Y aguzó el oído, pero el silencio en la habitación era definitivo, y hasta el gemido del viento y el ladrar de los perros se habían dejado amansar por el toque de queda. Sólo encontró un nido de congoja en su pecho y el olor remoto a goma de borrar y lápices mordidos. Y como creía en las virtudes premonitorias de los sueños, se dijo que lo mismo era que en su cuerpo ardían aún los rescoldos de alguno. De modo que para avivarlo abandonó la cama, encendió la luz triste de la bombilla que colgaba del techo y fue a sentarse en el sillón de orejeras, donde en las noches de insomnio acostumbraba a reflexionar acerca de los enigmas de la vida, casi siempre sin éxito.

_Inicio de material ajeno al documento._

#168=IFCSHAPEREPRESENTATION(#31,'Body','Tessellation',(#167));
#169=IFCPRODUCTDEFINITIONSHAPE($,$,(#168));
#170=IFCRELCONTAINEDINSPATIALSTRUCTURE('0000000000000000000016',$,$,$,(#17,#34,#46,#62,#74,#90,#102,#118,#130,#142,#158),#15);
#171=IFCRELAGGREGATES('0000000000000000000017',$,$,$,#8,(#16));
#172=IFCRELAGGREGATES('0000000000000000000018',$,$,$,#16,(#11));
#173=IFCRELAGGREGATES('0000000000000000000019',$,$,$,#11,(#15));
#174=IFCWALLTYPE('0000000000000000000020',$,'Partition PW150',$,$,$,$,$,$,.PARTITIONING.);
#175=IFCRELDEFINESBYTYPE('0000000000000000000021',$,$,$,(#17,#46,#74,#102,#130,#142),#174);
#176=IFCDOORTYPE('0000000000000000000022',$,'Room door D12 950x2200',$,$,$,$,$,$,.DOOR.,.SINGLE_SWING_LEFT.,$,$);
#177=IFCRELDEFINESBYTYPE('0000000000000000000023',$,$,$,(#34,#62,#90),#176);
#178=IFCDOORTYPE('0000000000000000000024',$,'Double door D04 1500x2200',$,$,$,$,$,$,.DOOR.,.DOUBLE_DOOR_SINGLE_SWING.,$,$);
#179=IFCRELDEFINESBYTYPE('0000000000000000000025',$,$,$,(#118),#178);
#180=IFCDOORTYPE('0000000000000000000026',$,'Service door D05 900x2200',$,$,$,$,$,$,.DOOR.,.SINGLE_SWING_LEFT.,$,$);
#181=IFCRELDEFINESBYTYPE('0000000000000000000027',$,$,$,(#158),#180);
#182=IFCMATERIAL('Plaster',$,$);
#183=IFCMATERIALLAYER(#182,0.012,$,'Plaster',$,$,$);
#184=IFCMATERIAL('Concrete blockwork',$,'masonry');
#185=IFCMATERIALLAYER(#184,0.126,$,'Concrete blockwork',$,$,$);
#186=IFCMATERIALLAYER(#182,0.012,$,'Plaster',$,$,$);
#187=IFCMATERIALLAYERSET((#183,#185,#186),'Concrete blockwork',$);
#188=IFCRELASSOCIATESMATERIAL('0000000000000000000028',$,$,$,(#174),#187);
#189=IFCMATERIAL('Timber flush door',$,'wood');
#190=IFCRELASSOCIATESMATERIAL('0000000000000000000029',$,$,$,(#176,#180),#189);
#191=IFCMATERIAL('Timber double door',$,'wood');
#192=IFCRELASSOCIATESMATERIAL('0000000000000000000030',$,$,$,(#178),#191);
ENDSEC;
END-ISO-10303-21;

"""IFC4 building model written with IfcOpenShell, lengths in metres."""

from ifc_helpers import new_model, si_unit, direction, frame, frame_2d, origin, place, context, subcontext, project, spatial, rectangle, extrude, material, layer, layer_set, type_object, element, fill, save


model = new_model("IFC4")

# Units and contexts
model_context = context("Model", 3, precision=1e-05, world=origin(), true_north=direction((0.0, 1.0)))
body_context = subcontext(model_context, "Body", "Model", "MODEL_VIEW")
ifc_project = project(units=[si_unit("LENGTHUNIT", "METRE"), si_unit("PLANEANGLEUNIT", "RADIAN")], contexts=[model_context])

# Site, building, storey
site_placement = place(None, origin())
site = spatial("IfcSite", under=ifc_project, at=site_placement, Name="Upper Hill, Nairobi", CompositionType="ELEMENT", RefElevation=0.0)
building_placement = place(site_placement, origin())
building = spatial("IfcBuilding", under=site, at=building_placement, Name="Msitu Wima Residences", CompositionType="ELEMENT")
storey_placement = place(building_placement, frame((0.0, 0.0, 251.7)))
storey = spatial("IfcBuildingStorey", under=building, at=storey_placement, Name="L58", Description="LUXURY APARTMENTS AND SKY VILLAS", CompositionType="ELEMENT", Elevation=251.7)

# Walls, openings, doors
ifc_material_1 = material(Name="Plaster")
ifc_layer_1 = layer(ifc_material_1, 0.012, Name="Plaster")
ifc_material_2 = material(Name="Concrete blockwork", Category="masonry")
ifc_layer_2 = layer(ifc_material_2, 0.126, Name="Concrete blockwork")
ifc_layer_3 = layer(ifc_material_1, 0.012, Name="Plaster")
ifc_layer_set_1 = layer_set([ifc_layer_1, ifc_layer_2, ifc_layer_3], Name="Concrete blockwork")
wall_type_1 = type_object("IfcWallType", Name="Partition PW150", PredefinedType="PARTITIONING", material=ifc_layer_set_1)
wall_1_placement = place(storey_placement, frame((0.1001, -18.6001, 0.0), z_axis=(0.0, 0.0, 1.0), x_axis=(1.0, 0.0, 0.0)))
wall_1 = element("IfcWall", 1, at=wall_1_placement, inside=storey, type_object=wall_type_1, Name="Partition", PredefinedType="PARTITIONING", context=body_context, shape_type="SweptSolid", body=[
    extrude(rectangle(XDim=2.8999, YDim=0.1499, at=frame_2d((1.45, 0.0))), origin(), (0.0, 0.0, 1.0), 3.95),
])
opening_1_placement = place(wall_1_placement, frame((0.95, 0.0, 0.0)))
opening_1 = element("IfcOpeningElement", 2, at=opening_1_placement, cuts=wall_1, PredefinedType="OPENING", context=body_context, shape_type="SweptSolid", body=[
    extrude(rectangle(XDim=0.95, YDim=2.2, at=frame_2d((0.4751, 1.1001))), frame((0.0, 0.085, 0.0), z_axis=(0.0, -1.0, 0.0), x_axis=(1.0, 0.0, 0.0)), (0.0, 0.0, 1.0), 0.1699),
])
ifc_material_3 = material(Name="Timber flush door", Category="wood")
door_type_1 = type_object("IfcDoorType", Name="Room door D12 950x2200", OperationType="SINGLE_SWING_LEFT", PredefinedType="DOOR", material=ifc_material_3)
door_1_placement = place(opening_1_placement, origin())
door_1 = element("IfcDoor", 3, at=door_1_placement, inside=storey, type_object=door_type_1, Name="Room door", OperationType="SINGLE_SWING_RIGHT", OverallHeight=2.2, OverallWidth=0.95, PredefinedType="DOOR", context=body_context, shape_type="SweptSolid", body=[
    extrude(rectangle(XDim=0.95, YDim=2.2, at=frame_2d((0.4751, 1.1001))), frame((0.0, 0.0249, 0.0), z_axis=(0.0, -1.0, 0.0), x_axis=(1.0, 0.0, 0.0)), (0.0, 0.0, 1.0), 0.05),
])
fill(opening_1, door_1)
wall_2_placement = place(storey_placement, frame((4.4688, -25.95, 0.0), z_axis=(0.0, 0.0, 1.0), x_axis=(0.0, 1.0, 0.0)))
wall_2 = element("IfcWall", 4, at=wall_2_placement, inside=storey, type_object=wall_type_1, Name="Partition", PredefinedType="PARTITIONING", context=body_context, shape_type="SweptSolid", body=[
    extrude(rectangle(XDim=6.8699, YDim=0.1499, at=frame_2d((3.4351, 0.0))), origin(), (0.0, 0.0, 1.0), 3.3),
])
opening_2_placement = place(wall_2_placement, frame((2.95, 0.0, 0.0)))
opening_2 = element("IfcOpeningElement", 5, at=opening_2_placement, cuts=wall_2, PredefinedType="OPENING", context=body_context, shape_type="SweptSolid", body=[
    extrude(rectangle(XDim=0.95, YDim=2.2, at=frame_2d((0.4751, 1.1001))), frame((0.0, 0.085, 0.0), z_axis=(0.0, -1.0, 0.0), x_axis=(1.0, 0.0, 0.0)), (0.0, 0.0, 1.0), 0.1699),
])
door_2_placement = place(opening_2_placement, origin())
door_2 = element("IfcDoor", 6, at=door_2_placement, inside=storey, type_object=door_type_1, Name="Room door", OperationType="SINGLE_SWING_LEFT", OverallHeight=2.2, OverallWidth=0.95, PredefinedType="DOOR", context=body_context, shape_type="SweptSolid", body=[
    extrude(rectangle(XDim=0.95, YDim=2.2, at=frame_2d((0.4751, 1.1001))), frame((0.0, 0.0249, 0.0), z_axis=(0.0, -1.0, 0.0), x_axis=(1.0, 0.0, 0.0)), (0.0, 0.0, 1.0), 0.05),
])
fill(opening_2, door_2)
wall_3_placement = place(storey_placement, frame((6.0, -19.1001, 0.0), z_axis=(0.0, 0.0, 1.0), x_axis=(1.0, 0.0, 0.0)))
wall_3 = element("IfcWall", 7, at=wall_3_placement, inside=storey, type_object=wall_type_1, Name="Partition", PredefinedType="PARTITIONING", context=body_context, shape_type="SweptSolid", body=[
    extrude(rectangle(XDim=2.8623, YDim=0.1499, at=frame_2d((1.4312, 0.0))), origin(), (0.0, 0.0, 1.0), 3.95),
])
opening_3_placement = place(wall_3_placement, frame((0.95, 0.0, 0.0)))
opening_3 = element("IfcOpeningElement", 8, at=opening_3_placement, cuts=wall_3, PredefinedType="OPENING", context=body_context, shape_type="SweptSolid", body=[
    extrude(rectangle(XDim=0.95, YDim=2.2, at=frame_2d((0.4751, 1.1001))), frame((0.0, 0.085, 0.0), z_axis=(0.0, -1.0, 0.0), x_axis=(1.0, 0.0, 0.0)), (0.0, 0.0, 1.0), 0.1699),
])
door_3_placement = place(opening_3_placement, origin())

Y allí, en la penumbra del dormitorio, sentado en el sillón de cuero marrón ya percudido, dejó Prudencio que sus ojos desvelados se pasearan por la decoración austera y destartalada de solterón sin remedio: por la mesa coja con el hule a cuadros verdes desvaídos, por las tres sillas disparejas en forma y color, por el armario de puertas desencajadas; y luego los cerró para concentrarse y buscar un resquicio que le condujera al sueño que había perdido. Pero es el olor a sudor infantil y madera antigua el que viene en su ayuda, y se ve chiquito, sentado en el pupitre de la escuela, con su mandilón a rayas verdes y blancas del parvulario, siguiendo con el dedo diminuto las primeras líneas de El Quijote, mientras don Augusto, más conocido entre los alumnos como el tuerto por su ojo de cristal, le mira desde la tarima con el ceño pensativo, afilándose el bigote de mosquetero, para alzar luego su mano de esqueleto y decirle alto ahí Prudencio y explícame qué es lo que acabas de leer. Y Prudencio se queda sin saber qué decir, con la cara boba mirándole el ojo de cristal, que es no obstante el más enfático, sin saber cómo decirle a don Augusto que no sabe lo que es un hidalgo, ni una adarga, ni un rocín, que el texto entero, todo él, carece de sentido. Y Prudencio se encoge en su silencio culpable para que don Augusto le imponga la penitencia de copiar veinte veces aquellas palabras que aún, como un enjambre de abejas asustadas, zumban en sus oídos de niño. "No te castigo por no saber, sino por no preguntar, pues no hay peor ignorante que el que no quiere aprender" sentencia el maestro con su voz de barítono decadente.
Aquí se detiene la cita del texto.